Delaware court holds that a clause indicating“an expert, not an arbitrator” calls for an expert determination, not an arbitration

On January 29, 2019, the Delaware Court of Chancery addresses the scope of authority conferred under a clause in an Agreement and Plan of Merger (“Merger Agreement”) upon an independent accountant designated “an expert, not an arbitrator.”

Pursuant to the Merger Agreement, Plaintiff acquired ChanceLight, Inc. (ChanceLight) and Defendant, Trimaran Fund Management, L.L.C. (Trimaran). Plaintiff paid a base price of $125 million, $23.1 million of which was placed in escrow at closing.

The release of the escrowed funds depended on whether a ChanceLight subsidiary entered into a qualifying contract. The section of the Merger Agreement governing the release of the escrowed funds delegated certain matters to an independent accountant for resolution, specifying “an expert, not an arbitrator.”

The parties disagreed on whether a qualifying contract was ever executed. Also, they disagreed on whether the issue d should be referred to the independent accountant.

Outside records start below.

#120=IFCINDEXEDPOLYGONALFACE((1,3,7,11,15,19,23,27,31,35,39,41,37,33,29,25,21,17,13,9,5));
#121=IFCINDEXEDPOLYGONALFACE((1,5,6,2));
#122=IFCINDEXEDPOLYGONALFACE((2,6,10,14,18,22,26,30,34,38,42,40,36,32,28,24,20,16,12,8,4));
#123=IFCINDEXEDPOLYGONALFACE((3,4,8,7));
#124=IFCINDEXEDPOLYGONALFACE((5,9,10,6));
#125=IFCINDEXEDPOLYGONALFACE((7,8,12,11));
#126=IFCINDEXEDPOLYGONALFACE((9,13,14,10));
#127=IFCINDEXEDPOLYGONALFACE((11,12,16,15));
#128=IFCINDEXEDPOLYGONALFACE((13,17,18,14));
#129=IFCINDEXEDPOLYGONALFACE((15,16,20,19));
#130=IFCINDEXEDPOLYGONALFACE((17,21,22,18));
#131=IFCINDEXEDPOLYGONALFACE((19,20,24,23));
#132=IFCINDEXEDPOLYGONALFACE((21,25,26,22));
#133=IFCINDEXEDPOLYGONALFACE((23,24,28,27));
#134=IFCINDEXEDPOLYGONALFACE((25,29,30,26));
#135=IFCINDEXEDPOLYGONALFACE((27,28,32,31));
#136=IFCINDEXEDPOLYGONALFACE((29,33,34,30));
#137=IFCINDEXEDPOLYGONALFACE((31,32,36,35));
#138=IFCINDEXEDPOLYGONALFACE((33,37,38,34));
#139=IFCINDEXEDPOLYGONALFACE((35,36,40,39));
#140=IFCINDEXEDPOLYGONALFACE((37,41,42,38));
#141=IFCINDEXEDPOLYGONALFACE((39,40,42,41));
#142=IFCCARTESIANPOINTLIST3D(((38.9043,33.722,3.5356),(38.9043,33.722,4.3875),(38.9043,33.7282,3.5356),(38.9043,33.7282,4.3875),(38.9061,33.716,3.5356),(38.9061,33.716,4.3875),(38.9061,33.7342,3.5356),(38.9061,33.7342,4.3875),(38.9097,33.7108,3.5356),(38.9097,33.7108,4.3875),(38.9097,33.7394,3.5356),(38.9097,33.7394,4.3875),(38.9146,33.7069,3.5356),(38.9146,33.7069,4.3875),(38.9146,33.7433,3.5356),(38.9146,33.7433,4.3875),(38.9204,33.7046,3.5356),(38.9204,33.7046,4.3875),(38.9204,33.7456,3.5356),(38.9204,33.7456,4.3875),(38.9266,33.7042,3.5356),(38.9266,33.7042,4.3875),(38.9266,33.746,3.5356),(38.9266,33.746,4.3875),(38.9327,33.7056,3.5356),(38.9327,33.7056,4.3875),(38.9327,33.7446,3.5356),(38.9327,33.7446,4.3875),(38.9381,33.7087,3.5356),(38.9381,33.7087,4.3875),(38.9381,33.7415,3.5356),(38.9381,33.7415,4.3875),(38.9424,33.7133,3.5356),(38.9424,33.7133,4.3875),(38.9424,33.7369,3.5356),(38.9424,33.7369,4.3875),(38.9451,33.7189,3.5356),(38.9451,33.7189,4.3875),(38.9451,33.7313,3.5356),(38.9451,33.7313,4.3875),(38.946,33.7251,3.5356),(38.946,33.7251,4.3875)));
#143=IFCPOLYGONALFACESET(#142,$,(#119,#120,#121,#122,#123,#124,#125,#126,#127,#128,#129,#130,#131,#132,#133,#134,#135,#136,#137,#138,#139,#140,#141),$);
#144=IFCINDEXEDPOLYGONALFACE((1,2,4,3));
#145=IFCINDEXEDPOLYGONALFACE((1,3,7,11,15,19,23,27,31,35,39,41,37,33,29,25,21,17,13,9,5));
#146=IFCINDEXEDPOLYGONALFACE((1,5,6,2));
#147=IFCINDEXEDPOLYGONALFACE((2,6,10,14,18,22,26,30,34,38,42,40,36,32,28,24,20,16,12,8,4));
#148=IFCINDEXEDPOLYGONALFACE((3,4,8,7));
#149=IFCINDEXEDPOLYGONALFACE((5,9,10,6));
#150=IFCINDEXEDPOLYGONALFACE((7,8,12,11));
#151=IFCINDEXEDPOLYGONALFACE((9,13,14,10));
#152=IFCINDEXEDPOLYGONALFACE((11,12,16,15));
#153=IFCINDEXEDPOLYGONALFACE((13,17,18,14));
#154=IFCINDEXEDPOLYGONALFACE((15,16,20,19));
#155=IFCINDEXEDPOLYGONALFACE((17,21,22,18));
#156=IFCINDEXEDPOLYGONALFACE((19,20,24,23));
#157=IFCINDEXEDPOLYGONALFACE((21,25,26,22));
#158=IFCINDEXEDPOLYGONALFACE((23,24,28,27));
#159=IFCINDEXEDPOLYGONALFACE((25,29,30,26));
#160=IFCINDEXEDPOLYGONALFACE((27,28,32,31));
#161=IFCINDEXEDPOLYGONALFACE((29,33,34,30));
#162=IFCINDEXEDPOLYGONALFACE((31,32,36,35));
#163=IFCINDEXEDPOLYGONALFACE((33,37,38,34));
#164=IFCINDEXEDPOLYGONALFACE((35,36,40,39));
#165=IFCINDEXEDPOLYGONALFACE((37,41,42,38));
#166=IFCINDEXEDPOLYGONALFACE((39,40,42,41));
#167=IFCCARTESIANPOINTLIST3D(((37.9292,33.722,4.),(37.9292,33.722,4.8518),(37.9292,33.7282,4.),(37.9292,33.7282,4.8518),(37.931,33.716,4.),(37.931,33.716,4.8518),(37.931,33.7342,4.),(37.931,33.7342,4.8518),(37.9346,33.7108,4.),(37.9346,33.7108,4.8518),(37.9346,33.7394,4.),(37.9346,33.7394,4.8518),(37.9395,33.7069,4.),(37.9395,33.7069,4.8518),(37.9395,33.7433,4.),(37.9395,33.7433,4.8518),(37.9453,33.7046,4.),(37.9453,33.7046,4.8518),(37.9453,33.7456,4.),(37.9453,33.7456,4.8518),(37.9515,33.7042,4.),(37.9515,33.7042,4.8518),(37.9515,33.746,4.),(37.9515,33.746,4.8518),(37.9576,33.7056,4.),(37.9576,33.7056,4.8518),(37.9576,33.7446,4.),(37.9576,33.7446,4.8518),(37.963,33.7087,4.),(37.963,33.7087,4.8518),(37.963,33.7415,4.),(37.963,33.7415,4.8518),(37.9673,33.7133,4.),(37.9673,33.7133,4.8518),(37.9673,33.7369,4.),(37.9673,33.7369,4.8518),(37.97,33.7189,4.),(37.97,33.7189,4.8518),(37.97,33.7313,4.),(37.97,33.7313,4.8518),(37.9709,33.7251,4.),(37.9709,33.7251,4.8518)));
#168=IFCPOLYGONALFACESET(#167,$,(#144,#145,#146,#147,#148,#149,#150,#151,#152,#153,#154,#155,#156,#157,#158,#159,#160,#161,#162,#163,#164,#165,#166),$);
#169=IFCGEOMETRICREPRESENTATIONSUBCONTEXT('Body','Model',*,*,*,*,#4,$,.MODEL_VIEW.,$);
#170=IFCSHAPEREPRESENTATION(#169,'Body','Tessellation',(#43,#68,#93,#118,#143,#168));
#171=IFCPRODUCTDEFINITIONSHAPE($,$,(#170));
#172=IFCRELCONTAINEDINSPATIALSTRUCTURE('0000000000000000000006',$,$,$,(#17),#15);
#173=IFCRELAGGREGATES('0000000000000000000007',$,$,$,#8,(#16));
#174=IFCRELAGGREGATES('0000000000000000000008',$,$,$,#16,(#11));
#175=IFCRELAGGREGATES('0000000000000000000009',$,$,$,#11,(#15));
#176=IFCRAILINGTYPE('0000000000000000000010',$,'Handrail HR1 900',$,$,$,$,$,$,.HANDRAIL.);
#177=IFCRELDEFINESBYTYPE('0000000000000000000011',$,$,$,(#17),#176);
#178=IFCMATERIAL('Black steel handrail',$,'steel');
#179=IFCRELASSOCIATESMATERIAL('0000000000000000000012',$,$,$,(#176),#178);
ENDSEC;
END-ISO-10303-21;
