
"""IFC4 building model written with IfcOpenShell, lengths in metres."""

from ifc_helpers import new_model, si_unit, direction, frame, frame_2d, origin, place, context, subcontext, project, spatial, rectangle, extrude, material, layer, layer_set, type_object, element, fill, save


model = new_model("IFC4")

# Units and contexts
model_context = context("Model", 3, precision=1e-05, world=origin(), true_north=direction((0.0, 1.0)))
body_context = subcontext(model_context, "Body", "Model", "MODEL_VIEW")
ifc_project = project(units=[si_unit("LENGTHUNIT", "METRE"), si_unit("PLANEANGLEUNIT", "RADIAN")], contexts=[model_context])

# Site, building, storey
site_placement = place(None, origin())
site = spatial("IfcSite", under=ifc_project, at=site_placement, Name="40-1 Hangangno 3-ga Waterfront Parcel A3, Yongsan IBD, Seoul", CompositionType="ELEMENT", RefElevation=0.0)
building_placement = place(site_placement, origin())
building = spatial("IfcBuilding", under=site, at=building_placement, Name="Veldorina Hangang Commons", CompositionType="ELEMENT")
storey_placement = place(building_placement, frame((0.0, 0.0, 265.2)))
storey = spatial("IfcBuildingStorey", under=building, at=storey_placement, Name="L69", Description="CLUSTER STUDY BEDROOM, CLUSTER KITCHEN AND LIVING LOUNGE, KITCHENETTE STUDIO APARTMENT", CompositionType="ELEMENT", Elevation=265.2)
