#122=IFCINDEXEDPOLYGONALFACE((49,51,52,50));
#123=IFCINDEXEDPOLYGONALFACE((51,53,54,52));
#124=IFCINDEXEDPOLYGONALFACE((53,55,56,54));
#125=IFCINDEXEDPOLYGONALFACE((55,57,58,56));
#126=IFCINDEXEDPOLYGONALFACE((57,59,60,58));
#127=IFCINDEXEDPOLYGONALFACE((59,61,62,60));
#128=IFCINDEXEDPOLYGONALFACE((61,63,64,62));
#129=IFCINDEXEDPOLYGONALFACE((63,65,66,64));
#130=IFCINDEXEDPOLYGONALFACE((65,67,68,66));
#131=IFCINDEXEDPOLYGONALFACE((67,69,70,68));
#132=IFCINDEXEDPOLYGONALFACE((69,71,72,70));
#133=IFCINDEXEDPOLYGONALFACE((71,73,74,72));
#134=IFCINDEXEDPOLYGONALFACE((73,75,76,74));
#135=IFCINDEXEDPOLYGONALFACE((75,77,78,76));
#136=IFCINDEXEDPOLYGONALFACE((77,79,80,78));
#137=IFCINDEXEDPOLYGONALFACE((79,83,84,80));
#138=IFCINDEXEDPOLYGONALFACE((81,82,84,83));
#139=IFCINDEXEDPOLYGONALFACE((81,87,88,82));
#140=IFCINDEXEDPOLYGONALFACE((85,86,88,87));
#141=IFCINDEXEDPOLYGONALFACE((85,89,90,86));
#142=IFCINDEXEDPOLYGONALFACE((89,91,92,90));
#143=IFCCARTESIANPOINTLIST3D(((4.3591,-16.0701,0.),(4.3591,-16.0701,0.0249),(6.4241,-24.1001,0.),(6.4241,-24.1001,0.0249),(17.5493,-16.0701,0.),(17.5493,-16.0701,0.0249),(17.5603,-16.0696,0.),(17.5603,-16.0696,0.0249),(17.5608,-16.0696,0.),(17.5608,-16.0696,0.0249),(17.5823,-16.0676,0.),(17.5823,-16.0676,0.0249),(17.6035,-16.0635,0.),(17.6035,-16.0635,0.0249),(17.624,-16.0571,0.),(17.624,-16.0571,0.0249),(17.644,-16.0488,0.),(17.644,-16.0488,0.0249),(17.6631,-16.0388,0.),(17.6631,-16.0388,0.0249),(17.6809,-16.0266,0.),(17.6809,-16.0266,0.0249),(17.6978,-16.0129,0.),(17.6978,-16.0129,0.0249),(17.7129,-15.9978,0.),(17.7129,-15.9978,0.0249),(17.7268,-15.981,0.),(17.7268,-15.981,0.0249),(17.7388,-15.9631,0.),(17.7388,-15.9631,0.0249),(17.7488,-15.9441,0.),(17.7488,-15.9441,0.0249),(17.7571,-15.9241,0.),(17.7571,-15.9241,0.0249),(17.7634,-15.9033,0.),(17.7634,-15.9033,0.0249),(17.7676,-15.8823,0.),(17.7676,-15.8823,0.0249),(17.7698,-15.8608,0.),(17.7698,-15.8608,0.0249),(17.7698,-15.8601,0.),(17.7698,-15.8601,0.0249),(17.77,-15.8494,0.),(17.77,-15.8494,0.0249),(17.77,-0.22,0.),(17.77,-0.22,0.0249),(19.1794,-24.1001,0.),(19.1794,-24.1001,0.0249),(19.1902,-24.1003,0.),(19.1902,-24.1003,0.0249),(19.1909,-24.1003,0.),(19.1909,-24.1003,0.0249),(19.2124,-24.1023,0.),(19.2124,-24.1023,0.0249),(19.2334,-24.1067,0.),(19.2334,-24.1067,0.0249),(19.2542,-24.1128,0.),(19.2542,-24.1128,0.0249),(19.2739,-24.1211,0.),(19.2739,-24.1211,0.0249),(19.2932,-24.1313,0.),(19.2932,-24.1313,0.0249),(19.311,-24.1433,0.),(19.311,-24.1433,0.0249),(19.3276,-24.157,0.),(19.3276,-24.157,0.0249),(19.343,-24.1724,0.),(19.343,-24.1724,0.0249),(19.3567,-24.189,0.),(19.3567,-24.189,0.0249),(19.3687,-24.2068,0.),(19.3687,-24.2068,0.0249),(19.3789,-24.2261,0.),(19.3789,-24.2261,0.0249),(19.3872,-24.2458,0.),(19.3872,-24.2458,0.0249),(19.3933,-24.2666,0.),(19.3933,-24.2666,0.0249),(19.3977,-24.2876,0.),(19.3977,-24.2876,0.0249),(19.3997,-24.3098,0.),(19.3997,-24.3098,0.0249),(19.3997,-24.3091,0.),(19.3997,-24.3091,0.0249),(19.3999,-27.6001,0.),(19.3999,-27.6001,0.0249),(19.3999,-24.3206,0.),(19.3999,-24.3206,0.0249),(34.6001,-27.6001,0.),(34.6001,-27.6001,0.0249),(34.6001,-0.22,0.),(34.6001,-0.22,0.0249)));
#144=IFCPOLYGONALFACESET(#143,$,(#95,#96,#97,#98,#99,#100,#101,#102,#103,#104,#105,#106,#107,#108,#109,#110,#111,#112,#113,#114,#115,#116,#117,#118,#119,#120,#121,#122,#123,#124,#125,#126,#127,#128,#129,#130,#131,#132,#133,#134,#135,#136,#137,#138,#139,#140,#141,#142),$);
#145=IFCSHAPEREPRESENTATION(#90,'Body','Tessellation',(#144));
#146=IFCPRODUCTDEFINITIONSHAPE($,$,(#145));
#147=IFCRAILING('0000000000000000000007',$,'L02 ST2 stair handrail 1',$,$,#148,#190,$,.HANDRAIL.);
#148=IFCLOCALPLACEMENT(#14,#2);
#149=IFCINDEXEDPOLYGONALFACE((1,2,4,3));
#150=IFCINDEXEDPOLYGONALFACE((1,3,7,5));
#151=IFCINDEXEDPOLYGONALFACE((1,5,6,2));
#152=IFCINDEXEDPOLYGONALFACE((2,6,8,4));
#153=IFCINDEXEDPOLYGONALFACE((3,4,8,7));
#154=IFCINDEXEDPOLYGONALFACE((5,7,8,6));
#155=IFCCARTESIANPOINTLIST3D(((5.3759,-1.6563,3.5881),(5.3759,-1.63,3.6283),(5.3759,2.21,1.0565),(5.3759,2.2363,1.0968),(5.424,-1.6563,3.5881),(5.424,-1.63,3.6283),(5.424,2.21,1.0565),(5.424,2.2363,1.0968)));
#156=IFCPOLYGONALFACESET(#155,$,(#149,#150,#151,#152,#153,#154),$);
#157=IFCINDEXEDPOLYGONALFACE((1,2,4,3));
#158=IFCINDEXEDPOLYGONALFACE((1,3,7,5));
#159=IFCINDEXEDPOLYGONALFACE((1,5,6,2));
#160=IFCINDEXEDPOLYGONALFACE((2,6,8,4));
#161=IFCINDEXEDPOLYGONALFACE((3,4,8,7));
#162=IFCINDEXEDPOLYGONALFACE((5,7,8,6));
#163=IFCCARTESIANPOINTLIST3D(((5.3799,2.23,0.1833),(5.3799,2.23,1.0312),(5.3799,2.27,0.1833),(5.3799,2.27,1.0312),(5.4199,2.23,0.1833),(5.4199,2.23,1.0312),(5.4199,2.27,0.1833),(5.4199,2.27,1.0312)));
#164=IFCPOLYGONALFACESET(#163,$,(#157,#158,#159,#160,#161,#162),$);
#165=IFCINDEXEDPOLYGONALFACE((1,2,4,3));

The Court of Chancery denied Plaintiff’s motion for judgment on the pleadings seeking to specifically enforce the dispute resolution provision. In particular, the decision found that the language called for “an expert determination, not an arbitration.”

“Expert determination provisions are fundamentally different from arbitration provisions. The former limit the scope of the third-party decision maker’s authority to factual disputes within the decision maker’s expertise. The latter typically confers upon the third-party decision maker broad authority similar to that of judicial officers.”

According to the court, the release of parties’ escrow wouldn’t fit within the independent accountant’s narrow authority since – to determine who is entitled to the escrow funds – the legal question of whether the contract is qualifying had to be answered. Accordingly, the Court deemed that Plaintiff was not contractually entitled to require Defendant to submit the dispute to the independent accountant.